Audit of the Cost and Security Policies and Procedures for USAID's Mobile Devices
Recommendations
USAID's Chief Information Officer implement formal written procedures for reviewing excessive mobile device charges, including the frequency of those reviews and a determination of whether users should be changed to another mobile device plan with features that accommodated the mobile
needs and/or use alternate solutions to meet Agency mobile needs.
USAID's Chief Information Officer implement formal written procedures for reviewing unused mobile devices with responsible Agency officials. At a minimum, the procedures should include an acceptable level for the number and cost of unused devices and the frequency of the reviews (no less than quarterly).
USAID's Chief Information Officer implement documented procedures for mobile devices that define policy violations and describe monitoring for and reporting on those violations (other than when the device is on the network and violates those policies).
USAID's Chief Information Officer implement documented policies that define the conditions for remotely wiping mobile devices if the device is lost or stolen and is at risk of having its data recovered by an unauthorized individual or entity and for failed password attempts.
USAID's Chief Information Officer implement documented policies that define the conditions for remotely locking devices suspected of being left unlocked in an unsecured location.
USAID's Chief Information Officer implement documented procedures for digitally signing USAID-developed applications.
USAID's Chief Information Officer implement documented procedures that describe how policies will be managed on BlackBerry Enterprise Servers.
USAID's Chief Information Officer implement
documented policies that define which types of mobile devices are permitted to access the Agency's resources.
USAID's Chief Information Officer implement
documented policies that define the degree of access that various classes of mobile devices (e.g., organization-issued devices versus those that are personally owned) can have to Agency resources.

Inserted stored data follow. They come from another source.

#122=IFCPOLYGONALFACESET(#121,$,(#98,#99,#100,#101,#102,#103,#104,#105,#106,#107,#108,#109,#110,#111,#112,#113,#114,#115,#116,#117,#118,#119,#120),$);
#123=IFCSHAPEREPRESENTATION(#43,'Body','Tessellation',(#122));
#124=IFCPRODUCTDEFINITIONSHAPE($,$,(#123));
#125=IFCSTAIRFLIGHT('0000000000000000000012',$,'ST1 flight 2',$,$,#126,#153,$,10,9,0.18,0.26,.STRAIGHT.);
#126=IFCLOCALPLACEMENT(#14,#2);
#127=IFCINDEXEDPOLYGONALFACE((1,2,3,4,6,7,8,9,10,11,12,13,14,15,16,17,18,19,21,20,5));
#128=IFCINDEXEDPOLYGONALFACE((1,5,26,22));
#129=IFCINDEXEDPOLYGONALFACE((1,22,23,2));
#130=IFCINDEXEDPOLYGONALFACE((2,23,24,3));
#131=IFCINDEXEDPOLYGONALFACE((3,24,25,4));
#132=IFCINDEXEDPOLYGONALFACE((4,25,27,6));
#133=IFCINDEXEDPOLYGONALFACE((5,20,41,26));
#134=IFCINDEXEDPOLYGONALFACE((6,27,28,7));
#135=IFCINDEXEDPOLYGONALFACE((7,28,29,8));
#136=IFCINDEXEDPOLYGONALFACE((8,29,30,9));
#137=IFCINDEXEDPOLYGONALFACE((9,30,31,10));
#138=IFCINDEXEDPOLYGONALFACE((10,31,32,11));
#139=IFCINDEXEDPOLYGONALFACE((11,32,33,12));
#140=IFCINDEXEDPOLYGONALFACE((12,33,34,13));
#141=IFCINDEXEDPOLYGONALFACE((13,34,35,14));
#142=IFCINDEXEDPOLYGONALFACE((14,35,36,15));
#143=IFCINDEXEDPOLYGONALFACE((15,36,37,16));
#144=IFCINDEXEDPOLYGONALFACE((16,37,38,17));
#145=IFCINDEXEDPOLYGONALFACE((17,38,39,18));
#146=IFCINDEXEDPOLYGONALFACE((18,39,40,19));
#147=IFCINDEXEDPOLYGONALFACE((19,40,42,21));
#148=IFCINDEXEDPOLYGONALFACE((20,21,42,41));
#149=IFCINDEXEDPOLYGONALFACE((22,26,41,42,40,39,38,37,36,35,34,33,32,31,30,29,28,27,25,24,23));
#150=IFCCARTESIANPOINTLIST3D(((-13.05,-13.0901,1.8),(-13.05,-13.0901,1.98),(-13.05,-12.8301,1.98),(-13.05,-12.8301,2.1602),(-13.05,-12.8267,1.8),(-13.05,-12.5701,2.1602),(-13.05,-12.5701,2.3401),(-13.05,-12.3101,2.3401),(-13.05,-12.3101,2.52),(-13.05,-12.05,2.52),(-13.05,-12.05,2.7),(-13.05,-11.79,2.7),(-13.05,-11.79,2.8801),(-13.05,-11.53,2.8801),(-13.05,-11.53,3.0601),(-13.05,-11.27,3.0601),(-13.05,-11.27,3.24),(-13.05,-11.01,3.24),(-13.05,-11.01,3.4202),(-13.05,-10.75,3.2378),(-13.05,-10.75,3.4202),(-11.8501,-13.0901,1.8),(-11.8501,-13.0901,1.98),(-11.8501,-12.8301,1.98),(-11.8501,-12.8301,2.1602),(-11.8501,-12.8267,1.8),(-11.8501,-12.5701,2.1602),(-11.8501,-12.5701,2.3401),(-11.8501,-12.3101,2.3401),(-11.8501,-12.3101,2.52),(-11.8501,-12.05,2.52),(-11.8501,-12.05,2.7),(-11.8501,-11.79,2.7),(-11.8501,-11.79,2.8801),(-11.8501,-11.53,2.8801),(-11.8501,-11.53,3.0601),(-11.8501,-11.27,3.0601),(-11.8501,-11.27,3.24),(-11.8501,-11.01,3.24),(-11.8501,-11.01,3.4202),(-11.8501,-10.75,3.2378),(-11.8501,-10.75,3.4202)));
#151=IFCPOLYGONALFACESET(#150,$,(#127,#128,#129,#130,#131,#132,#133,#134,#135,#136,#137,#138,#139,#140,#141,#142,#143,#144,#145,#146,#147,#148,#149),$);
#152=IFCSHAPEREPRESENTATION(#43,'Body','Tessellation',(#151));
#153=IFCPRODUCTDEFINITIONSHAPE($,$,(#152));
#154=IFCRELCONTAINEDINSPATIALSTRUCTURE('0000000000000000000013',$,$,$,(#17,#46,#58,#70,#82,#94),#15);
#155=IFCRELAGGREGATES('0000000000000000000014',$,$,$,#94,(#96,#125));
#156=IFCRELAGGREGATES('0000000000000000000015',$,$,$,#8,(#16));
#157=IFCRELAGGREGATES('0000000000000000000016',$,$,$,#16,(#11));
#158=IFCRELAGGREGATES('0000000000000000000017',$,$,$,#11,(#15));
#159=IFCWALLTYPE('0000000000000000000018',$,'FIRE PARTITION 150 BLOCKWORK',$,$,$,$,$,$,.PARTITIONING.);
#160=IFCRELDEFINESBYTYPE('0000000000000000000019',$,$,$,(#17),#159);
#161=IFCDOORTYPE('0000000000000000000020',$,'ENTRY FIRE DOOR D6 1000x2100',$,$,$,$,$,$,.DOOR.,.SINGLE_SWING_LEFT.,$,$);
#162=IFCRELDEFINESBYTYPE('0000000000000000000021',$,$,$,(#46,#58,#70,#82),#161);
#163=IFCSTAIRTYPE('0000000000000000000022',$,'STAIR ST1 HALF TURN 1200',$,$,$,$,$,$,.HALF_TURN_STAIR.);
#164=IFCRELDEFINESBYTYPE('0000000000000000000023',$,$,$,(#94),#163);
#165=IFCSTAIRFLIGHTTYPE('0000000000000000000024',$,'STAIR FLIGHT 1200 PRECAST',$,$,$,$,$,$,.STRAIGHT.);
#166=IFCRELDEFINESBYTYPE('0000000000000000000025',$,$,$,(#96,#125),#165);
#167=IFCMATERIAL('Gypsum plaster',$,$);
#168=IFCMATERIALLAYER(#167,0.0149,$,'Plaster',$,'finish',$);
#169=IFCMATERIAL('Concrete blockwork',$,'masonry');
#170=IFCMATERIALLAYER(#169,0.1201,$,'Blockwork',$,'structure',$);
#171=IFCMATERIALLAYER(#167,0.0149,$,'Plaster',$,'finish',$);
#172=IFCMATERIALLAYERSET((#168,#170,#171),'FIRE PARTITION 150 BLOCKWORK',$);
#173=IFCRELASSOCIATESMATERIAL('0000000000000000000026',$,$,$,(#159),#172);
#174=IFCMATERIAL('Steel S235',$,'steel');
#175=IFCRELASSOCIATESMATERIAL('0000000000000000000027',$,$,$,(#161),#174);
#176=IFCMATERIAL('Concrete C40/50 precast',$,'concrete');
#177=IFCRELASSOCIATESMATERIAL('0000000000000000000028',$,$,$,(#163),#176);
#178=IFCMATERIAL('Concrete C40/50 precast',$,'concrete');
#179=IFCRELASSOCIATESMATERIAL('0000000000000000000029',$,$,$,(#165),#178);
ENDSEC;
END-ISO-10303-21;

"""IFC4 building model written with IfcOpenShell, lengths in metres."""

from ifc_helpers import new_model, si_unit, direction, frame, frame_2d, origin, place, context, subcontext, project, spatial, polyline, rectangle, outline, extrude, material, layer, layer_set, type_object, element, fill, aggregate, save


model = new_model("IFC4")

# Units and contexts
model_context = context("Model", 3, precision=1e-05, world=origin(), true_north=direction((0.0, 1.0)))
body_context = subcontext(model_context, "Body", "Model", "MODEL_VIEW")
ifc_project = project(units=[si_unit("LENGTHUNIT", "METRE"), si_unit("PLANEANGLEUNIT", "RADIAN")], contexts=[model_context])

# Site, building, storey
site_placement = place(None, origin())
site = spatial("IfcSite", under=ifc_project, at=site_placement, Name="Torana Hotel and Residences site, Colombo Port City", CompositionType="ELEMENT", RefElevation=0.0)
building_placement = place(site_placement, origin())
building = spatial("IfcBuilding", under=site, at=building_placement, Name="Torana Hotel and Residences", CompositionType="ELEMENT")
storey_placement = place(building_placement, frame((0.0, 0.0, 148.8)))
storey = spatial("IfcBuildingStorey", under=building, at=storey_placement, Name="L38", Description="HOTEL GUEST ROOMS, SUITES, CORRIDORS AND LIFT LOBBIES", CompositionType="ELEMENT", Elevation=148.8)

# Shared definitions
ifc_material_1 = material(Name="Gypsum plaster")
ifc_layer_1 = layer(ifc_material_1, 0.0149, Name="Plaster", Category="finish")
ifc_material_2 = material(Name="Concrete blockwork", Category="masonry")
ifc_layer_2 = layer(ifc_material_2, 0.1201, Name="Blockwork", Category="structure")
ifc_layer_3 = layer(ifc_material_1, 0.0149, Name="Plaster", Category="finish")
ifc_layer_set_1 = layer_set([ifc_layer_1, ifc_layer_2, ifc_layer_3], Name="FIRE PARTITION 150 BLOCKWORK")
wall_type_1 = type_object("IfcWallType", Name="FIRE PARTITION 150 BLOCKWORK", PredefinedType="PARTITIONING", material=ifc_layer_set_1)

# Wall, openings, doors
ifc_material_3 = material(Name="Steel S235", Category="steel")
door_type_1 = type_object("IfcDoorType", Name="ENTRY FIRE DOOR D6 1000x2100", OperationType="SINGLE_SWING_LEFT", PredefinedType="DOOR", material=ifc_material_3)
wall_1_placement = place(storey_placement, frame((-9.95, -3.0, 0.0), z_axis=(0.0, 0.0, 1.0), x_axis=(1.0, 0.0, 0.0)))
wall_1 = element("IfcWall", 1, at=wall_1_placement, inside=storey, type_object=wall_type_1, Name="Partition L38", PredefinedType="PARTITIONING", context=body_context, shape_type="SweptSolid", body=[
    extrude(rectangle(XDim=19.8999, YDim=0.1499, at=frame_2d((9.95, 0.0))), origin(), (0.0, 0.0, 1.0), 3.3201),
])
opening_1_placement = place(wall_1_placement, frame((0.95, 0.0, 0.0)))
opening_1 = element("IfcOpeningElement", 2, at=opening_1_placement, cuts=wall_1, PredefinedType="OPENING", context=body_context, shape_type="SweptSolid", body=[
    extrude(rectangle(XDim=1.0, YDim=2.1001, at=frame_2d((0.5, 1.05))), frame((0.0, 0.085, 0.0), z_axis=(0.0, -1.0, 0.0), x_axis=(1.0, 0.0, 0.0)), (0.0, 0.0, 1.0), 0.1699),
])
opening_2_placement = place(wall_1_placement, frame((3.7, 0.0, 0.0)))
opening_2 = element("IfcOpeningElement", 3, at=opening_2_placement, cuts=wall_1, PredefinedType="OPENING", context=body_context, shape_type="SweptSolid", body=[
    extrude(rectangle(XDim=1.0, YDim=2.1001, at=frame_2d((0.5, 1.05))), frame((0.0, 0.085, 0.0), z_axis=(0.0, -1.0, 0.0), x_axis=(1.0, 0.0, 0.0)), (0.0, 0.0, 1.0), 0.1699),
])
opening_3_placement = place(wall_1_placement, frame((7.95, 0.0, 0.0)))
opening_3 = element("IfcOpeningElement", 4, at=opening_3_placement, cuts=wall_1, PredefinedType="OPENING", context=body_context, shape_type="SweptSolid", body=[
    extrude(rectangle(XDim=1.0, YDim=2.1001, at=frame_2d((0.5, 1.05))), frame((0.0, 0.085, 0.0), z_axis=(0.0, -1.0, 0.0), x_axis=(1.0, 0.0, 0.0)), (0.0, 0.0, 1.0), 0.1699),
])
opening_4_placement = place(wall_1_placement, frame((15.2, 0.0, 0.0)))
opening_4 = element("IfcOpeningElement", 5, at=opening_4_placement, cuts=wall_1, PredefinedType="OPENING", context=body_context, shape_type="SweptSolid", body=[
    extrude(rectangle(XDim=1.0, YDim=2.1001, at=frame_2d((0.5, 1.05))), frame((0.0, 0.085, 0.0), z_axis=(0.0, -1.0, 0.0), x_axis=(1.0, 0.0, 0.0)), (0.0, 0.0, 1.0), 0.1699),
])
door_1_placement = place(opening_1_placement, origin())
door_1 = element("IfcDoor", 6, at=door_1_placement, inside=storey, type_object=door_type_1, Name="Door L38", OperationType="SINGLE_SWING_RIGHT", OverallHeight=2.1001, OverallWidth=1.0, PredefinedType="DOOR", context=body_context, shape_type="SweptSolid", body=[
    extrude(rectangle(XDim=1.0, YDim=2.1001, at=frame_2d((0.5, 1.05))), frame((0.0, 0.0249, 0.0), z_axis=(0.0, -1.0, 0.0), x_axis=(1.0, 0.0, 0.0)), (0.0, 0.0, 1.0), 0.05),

USAID's Chief Information Officer revise Mobile Computing Standards: A Mandatory Reference for ADS Chapter 545 to be consistent with the requirements regarding encryption of information stored on mobile devices in Automated Directives System 545.3.6.6, "Mobile Computing Devices,"
(November 9, 2012).
USAID's Chief Information Officer revise Automated Directives System 549.3.4.3, "Electronic Mail (E-Mail)," to reflect the Agency's current policy regarding e-mail usage for sensitive but unclassified information.
USAID's Chief Information Officer revise the
following documents, as appropriate, to make clear policy statements regarding requirements for antivirus software and firewalls on mobile devices: Automated Directives System 545.3.6.6 "Mobile Computing Devices;" Mobile Computing Standards: A Mandatory Reference for ADS Chapter 545.

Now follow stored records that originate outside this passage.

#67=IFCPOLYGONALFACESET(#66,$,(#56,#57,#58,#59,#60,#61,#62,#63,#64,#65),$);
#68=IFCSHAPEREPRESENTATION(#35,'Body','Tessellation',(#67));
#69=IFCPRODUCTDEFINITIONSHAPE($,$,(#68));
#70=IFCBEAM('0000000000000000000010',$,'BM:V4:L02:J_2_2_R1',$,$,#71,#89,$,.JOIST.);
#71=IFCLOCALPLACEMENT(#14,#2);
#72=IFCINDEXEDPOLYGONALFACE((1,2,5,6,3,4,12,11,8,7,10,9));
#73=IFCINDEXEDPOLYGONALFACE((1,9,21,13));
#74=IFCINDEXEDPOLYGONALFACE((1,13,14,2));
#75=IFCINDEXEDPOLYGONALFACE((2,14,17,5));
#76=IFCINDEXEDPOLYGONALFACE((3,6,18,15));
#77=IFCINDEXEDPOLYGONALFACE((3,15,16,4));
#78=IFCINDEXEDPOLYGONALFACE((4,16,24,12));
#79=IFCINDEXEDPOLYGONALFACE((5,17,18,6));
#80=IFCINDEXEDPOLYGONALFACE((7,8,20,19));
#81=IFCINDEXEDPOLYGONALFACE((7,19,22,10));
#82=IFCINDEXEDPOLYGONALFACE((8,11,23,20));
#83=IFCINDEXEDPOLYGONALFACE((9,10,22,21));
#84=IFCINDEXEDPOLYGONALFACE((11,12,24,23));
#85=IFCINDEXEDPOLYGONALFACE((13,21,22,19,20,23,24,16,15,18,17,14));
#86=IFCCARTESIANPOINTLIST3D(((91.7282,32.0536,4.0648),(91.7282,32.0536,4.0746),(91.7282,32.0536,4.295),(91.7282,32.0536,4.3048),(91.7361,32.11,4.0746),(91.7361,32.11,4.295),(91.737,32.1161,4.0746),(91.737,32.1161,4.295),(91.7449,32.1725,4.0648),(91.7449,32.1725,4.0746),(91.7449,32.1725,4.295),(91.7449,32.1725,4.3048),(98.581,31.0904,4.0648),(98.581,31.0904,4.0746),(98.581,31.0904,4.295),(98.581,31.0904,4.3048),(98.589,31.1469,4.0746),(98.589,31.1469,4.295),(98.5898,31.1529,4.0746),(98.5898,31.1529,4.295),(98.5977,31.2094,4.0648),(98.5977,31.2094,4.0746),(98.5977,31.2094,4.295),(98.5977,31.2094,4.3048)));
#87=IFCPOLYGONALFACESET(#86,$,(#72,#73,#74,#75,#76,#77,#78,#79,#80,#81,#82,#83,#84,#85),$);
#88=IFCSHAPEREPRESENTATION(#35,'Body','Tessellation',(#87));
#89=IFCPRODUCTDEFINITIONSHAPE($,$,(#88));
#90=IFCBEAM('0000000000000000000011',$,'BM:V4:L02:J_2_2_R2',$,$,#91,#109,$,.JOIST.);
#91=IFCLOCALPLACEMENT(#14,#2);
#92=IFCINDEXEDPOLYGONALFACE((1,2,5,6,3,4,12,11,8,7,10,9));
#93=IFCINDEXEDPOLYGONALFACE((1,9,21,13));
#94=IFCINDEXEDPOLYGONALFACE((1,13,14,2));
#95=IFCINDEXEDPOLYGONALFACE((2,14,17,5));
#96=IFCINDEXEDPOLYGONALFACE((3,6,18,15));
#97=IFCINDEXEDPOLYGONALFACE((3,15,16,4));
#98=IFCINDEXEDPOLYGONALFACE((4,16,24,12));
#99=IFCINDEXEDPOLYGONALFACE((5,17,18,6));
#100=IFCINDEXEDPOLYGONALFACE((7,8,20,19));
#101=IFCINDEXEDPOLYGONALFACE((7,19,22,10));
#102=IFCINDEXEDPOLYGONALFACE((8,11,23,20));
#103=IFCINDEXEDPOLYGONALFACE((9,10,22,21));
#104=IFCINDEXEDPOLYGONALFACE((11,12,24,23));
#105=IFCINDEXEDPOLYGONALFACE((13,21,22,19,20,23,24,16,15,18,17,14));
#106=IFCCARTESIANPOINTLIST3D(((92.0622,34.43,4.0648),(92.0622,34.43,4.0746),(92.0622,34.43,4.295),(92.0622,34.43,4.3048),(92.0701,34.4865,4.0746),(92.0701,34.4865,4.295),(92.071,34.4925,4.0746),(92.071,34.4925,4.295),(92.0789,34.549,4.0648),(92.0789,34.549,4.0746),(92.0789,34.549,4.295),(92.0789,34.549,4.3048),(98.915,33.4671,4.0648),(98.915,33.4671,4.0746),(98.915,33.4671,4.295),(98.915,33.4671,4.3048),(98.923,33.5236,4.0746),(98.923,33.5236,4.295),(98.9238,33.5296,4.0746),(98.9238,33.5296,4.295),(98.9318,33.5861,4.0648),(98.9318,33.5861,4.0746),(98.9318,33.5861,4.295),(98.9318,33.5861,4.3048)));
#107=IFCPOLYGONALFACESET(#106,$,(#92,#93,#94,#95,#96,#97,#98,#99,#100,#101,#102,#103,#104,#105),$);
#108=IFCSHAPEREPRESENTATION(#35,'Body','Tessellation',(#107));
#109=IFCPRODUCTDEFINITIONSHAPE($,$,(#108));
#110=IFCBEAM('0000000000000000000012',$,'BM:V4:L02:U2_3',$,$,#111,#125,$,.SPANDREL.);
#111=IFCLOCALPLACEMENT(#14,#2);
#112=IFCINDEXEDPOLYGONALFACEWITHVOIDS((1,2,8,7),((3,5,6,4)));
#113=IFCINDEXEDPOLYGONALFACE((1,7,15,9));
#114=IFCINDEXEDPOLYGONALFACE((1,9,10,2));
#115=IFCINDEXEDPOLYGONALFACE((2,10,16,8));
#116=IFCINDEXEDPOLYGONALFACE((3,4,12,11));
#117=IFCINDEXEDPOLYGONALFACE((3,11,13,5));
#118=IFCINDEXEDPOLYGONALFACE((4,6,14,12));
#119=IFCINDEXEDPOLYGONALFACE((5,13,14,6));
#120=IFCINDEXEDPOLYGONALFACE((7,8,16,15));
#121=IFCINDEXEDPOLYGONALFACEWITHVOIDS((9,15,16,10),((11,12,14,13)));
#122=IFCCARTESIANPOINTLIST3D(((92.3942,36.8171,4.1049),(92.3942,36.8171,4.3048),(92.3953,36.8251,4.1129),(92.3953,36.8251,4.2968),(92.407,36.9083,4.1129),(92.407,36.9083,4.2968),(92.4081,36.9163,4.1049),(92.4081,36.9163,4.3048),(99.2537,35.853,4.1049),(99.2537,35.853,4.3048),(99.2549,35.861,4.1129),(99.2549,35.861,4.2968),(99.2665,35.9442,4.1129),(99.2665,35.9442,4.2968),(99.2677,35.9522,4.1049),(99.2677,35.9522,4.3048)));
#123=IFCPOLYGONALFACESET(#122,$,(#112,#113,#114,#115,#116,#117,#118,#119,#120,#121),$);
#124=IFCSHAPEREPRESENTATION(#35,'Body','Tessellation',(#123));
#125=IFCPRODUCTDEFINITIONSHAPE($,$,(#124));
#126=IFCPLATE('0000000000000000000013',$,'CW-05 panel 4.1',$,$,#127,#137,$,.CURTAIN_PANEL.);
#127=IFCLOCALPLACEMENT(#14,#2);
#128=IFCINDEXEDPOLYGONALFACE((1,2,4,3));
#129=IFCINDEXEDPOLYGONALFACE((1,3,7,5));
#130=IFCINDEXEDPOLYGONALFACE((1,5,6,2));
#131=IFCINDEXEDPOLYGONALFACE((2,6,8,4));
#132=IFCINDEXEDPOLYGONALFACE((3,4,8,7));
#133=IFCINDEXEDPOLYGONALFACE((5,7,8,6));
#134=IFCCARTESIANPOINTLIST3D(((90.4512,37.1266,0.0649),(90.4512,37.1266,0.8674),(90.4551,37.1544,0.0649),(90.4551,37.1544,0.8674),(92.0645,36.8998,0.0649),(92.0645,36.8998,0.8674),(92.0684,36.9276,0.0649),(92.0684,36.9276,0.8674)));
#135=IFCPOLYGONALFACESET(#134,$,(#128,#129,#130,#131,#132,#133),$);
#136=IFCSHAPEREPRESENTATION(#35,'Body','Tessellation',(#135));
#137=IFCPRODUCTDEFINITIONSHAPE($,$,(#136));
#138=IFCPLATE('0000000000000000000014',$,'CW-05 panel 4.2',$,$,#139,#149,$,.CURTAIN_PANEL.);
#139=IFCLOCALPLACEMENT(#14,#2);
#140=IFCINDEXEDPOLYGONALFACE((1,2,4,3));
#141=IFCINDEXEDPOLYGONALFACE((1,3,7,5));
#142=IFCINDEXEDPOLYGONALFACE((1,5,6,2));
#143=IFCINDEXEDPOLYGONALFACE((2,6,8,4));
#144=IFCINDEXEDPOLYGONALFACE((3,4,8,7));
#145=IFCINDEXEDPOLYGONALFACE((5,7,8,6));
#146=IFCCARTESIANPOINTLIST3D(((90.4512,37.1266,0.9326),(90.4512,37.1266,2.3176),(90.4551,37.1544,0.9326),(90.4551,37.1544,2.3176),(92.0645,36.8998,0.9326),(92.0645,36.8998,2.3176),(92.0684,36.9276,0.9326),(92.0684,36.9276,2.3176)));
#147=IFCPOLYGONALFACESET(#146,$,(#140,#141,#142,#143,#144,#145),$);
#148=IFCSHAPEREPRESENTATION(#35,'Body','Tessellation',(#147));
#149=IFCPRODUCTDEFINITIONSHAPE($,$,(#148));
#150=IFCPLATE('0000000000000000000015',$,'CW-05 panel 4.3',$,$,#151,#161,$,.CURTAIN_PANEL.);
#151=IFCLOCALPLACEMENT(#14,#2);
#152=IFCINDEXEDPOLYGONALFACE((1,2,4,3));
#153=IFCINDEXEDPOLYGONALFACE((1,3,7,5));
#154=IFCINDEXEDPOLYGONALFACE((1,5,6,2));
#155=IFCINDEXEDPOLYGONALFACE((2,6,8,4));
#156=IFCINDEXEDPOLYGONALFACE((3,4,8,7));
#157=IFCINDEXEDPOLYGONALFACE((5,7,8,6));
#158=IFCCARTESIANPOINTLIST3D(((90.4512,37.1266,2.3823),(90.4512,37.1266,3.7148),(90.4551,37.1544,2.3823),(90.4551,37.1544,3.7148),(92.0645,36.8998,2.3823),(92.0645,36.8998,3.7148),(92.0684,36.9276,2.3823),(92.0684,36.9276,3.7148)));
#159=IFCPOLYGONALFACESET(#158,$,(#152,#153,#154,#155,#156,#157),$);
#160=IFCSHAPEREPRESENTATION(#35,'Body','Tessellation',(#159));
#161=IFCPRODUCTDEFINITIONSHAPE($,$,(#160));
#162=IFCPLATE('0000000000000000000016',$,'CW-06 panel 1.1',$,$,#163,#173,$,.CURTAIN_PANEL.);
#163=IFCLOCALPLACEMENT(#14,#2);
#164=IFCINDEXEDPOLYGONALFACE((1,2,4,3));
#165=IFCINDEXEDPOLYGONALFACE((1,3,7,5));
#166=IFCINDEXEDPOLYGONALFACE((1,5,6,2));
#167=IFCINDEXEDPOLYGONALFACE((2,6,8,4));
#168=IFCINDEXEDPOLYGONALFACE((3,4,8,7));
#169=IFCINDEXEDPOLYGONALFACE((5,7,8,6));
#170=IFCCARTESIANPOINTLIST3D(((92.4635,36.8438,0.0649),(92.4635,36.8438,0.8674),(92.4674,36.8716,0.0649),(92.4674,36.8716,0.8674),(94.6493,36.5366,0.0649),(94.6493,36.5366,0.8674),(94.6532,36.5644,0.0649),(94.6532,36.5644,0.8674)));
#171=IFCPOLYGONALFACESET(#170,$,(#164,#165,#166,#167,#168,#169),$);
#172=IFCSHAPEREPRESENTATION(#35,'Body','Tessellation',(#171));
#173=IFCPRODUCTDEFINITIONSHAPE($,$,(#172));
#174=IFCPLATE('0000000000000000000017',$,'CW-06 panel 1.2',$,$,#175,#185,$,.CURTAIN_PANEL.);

USAID's Chief Information Security Officer document a risk assessment for the 'Agency for International Development Network.'
After implementing Recommendation 13, we recommend that USAID's Chief Information Security Officer incorporate necessary updates to the risk assessments for iPads, iPad2s, iPad3s, and iOS 6.

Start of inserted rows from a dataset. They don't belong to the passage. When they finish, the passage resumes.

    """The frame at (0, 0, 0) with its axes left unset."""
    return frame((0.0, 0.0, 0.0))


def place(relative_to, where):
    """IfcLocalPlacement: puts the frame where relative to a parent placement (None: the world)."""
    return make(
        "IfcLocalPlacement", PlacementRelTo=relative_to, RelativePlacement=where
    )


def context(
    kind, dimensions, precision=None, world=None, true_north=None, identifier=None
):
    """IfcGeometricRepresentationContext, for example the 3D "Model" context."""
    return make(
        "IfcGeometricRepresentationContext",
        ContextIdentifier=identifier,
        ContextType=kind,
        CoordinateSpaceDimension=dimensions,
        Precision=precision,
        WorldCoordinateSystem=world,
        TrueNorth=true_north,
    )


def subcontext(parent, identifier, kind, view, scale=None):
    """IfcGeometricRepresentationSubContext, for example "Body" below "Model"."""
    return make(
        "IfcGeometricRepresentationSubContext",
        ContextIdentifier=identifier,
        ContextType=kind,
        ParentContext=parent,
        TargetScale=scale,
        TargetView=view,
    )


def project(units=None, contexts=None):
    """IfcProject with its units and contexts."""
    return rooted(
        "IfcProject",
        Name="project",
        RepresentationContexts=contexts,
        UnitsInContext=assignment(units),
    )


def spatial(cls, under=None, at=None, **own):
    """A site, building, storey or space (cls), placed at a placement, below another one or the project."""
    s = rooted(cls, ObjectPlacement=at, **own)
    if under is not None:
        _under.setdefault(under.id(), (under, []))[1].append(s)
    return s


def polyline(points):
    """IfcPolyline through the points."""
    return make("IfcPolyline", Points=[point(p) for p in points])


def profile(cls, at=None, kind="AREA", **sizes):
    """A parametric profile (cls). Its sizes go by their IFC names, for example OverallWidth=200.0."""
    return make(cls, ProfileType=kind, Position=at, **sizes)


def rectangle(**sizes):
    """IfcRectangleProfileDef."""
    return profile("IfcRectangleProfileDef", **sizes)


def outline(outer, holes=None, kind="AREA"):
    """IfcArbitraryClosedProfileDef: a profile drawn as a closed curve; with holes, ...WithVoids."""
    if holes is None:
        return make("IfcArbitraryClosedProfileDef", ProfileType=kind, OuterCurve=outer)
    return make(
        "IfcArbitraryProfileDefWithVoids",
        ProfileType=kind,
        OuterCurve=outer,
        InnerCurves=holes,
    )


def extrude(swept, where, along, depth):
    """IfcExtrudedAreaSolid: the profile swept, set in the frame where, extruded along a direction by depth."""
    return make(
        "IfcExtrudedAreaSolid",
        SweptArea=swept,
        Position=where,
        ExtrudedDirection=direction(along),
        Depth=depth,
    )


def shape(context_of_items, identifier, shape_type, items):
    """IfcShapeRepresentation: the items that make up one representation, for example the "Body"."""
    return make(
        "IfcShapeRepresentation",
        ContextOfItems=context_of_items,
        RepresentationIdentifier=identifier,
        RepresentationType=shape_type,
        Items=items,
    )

USAID's Chief Information Security Officer include the following plans in the Agency's written plan of action and milestones, as required by National Institute of Standards and Technology's Recommended Security Controls for Federal Information Systems and Organizations:
Establish usage restrictions and implementation guidance for acceptable mobile code and mobile code technologies. Create tools and applications for mobile devices. Develop, test, and document sanitization procedures for mobile devices.
USAID's Chief Information Security Officer either finalize the risk assessment for the Agency's BlackBerry mobile devices or, if the devices will be phased out in the next year, formally document and accept the risk of not completing the risk assessment for them.
USAID's Chief Information Security Officer update the security policy for Agency BlackBerrys if USAID finalizes the risk assessment for Agency BlackBerrys detailed in Recommendation 16.
USAID's Chief Information Security Officer implement and require two-factor authentication for access to Agency e-mail with one factor separate from the device, as required, and document the results.
USAID's Chief Information Officer implement the Agency's strong password policy to unlock iPhones and BlackBerry mobile devices, as required, and document the results.
USAID Did Not Configure Its BlackBerry Mobile
After implementing Recommendation 15, USAID's Chief Information Officer configure the servers for mobile devices to restrict the ability to download applications to the devices, as appropriate.